Чтение онлайн

ЖАНРЫ

Шрифт:

— Чем дальше я узнаю тебя, Анна, — сказал я, — тем больше ты меня удивляешь. Какая ты…

— Какая? — быстро перебила меня Анна, и на ее бледных щеках проступил румянец, на губах появилась ироническая улыбка. — Красивая, да? Хочется меня, да?

Последние слова она произнесла не те, которые я написал, а другие, более грубые, в ее духе, так сказать, без марафета. Если не внешне, то, по крайней мере, внутренне я сжался, сделал шаг назад к двери. Печаль охватила меня не столько за нее — к ее такого рода выходкам я уже привык, — сколько за себя. Неужели она и во мне видит такого же циника, как Коля-грузчик: «П-палтуса хотца, Настя, кинуть. Сообразим?» Я ведь никогда не давал повода, не грубил, не шутил прямо, по крайней мере с ней, Анной Зима! И тут же я поймал в себе странное ощущение

того, что она в чем-то, пусть частично, но права. Я был полным сил тридцатипятилетним мужчиной, и во мне кипела кровь. Я давно чувствовал неодолимое влечение к ней, только не признавался в этом даже себе в тайных мыслях. Я, пожалуй, все отдал бы за то, чтобы неистово крепко прижаться к ней, обнять, засыпать поцелуями и… потом в изнеможении положить голову на ее грудь, вдохнуть аромат ее волос, забыться, отдохнуть.

Я любил раньше и в тот год на крабовой путине любил ту, которую оставил с Олеськой на берегу, но все мои любви, даже вместе взятые, были крошечными, какими-то худосочными по сравнению с любовью — какая это тайна, и останется она тайной во веки веков! — повторяю, по сравнению с возникающей любовью к Анне. Пожелай она, я стал бы ее мужем, отцом ее детей, рабом, если хотите, бросил бы все на свете только за несколько минут счастья с нею, воплотившею в себе все самое женственное нашего мира. Но я совершенно твердо знал: она никогда не желала и не пожелает быть близкой мне даже на одну секунду. Ни я, ни другие, по крайней мере на нашей флотилии, мужчины ее не волновали. Больше того, она нас презирала. «Уж не марсианка ли она?» — подумал я. Да такого быть не может, она такая, как все женщины, холодность ее нарочитая! А сердце мне подсказывало: нет, это неправда! Анна естественна во всем, как дыхание, как это Охотское море, которое мы бороздим и поганим; как нетленные звезды, что над нами.

Я взял себя в руки, ладно! С таким же успехом я мог бы влюбиться в луну, которая для меня недосягаема. Ладно! Разве я одинок в своем неразделенном чувстве? Я вспомнил Костю — теперь очень я хорошо понимал его — и сказал Анне то, что уже не раз говорил Костя:

— Ну, зачем ты так, Аннушка?

Она ничего на это не ответила, печально улыбнулась то ли мне, то ли этому красивому символу удачи — королевскому крабу, протянула руку к полке и осторожно вытащила томик Тютчева, раскрыла его и прочитала: «О, как убийственно мы любим, как в буйной слепоте страстей мы то всего вернее губим, что сердцу нашему милей! Давно ль, гордясь своей победой, ты говорил: она моя… Год не прошел — спроси и сведай, что уцелело от нея. Куда ланит девались розы, улыбка уст и блеск очей? Все опалили, выжгли слезы горючей влагою своей».
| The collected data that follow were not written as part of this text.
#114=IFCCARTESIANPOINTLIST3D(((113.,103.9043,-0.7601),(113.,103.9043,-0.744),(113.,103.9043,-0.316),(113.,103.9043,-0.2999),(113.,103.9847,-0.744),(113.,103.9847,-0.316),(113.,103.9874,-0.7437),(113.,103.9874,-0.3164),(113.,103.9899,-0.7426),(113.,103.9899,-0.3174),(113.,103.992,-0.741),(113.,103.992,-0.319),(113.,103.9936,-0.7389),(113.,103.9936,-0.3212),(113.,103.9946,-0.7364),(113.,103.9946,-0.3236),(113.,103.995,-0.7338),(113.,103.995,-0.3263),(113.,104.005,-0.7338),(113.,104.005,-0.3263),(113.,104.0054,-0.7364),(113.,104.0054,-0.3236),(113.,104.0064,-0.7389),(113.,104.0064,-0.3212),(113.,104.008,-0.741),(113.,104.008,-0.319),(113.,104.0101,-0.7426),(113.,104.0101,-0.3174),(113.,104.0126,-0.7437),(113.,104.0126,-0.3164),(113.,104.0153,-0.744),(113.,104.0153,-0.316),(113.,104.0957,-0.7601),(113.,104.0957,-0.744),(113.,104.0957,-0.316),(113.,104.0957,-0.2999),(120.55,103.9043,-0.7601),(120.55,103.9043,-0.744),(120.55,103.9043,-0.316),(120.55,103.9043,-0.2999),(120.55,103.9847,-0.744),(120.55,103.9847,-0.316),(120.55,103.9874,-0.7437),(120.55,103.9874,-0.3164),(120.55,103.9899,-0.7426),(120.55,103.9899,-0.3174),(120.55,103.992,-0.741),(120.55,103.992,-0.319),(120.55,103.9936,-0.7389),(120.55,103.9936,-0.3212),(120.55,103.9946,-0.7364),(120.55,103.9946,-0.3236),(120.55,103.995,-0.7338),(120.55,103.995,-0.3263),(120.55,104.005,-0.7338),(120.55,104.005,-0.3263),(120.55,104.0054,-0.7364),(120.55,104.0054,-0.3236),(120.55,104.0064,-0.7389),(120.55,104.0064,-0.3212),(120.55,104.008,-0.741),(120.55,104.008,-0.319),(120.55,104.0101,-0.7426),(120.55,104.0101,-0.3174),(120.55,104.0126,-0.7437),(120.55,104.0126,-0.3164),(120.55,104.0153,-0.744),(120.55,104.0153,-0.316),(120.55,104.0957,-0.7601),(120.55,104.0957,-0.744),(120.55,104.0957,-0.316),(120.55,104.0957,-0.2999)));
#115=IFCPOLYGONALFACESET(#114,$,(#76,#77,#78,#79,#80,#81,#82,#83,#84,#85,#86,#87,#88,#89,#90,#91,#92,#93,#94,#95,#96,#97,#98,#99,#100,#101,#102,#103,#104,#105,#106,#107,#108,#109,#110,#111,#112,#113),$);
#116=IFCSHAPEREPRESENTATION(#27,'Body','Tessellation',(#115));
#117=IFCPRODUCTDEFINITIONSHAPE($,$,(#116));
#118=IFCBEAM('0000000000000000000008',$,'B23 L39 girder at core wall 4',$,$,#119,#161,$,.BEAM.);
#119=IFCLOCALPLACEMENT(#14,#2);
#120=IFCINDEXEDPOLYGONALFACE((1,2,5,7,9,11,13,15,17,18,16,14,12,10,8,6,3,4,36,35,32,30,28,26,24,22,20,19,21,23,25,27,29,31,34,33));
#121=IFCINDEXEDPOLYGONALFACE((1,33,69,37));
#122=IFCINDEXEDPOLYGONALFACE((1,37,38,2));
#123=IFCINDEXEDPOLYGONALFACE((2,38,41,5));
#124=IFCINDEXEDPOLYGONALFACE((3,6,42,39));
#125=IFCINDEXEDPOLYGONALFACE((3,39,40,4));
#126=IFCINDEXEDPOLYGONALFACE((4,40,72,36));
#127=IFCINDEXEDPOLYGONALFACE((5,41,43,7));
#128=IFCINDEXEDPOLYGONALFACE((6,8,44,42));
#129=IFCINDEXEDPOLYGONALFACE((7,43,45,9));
Тут зашуршала занавеска по левую руку от меня — на второй кровати сто пятой каюты плавзавода «Никитин» я увидел одетую и даже причесанную Надю. Как видно, она давно проснулась и в своем уголке тихо, как мышка, слушала наш разговор и привела себя в порядок. И, главное, что мне бросилось в глаза, это чудная, странного покроя куртка на ней. И сшита она была из странного, как бы лягушачьего материала, пятнисто-блескучего, гофрированного, с множеством кармашков и подобием газырей на груди. На Дальнем Востоке развита прибрежная торговля с Японией. И я уже насмотрелся на множество различных вещей японского производства. Они броские, красивые, элегантные и бывают такого цвета, что, как говорится, я тебе дам! Но Надина куртка превосходила всякую фантазию.
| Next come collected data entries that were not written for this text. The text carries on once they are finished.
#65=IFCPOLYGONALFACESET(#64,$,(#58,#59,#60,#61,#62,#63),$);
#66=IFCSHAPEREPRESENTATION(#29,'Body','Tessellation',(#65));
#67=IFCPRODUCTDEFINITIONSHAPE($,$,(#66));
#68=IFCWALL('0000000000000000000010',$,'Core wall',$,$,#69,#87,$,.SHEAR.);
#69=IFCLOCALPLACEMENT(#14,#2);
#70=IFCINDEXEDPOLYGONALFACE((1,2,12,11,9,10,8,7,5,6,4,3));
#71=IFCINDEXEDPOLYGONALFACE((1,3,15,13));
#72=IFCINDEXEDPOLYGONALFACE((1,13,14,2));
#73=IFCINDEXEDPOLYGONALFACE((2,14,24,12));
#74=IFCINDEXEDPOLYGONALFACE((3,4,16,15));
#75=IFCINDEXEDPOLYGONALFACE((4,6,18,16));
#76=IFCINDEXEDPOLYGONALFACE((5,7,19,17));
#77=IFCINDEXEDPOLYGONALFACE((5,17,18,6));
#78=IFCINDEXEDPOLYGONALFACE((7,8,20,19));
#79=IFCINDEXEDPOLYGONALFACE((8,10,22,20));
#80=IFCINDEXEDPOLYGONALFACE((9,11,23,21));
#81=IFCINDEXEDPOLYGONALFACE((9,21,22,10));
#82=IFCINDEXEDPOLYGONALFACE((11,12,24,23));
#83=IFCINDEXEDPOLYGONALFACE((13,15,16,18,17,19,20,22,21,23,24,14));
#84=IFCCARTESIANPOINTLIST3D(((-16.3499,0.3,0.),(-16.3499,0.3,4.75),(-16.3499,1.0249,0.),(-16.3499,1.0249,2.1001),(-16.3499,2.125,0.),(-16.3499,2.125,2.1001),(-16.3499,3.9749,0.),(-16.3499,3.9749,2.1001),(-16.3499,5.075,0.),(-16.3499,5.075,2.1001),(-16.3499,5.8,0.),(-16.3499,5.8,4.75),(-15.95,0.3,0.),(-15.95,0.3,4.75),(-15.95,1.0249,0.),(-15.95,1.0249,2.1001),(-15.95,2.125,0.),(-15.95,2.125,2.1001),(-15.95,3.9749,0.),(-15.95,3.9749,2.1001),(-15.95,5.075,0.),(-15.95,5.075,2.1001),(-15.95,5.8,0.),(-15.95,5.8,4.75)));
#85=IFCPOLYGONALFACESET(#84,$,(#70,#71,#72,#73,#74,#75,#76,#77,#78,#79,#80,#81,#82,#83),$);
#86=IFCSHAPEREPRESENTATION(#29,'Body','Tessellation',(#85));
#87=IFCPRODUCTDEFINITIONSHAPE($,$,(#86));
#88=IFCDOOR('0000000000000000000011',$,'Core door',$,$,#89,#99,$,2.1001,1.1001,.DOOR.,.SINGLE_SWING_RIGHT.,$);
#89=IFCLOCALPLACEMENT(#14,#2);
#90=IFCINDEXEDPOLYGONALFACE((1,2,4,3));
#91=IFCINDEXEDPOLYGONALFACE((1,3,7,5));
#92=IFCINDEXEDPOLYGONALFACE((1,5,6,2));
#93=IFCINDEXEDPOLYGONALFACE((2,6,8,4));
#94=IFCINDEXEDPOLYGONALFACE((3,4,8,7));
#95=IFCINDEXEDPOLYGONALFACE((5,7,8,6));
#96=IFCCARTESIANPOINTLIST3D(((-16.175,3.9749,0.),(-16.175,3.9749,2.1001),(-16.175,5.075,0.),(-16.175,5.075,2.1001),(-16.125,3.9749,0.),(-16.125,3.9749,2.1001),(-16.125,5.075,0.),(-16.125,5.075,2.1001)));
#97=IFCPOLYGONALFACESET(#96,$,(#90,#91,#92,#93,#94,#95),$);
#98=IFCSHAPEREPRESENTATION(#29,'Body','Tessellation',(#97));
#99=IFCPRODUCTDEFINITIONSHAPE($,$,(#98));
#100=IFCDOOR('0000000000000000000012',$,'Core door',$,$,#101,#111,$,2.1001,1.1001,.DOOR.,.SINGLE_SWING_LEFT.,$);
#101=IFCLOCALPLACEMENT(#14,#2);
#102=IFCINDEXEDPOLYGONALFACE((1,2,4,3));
Надя встала с кровати, прошла по крохотной каюте, как настоящая манекенщица, спросила меня:

— Нравится, Вадим Сергеевич?

Я отвечал невнятно, что-то в таком духе: а черт ее разберет и где ты ее откопала?

— Тетя Аня подарила. Несерийное производство, сделана по спецзаказу. И знаете, что это такое?

— Джемпер, куртка, свитер, а-ля бешмет… в общем, одежда для сверхмодниц.

Надя засмеялась.

— Вот и не угадали. Это несерийный спасательный жилет. Люкс! В газырях баллончики со сжатым газом. Их можно открыть заранее, и жилет раздуется. Срабатывают они и автоматически, когда упадешь за борт, ровно через тридцать секунд. А эти бляшки при смачивании соленой водой начинают светиться, мигать. В боковых кармашках лежат свисток, химическая сирена

и другая разная всячина. Стоит этот жилет больше двухсот долларов, сумасшедшие деньги!

Я от всей души рассмеялся. Какой контраст! Я только что сгорал от страсти, слушал проникновенные стихи Тютчева и затем без всякого перехода увидел чудо-жилет, узнал об истинном его назначении и далее его цену. Я не знаю, что было бы дальше, как по динамику раздалась команда с мостика:

— Приемщику крабов быть на палубе! К борту через пять минут подойдет «азик» с уловом.

19

Я принял у Сабировича отличный строп — более двух тысяч отборных крабов, велел поставить его около конвейера, пометив железной биркой. На бирке написал мелом время и номер мотобота для того, чтобы потом знать, какие стропа первыми отправлять на переработку.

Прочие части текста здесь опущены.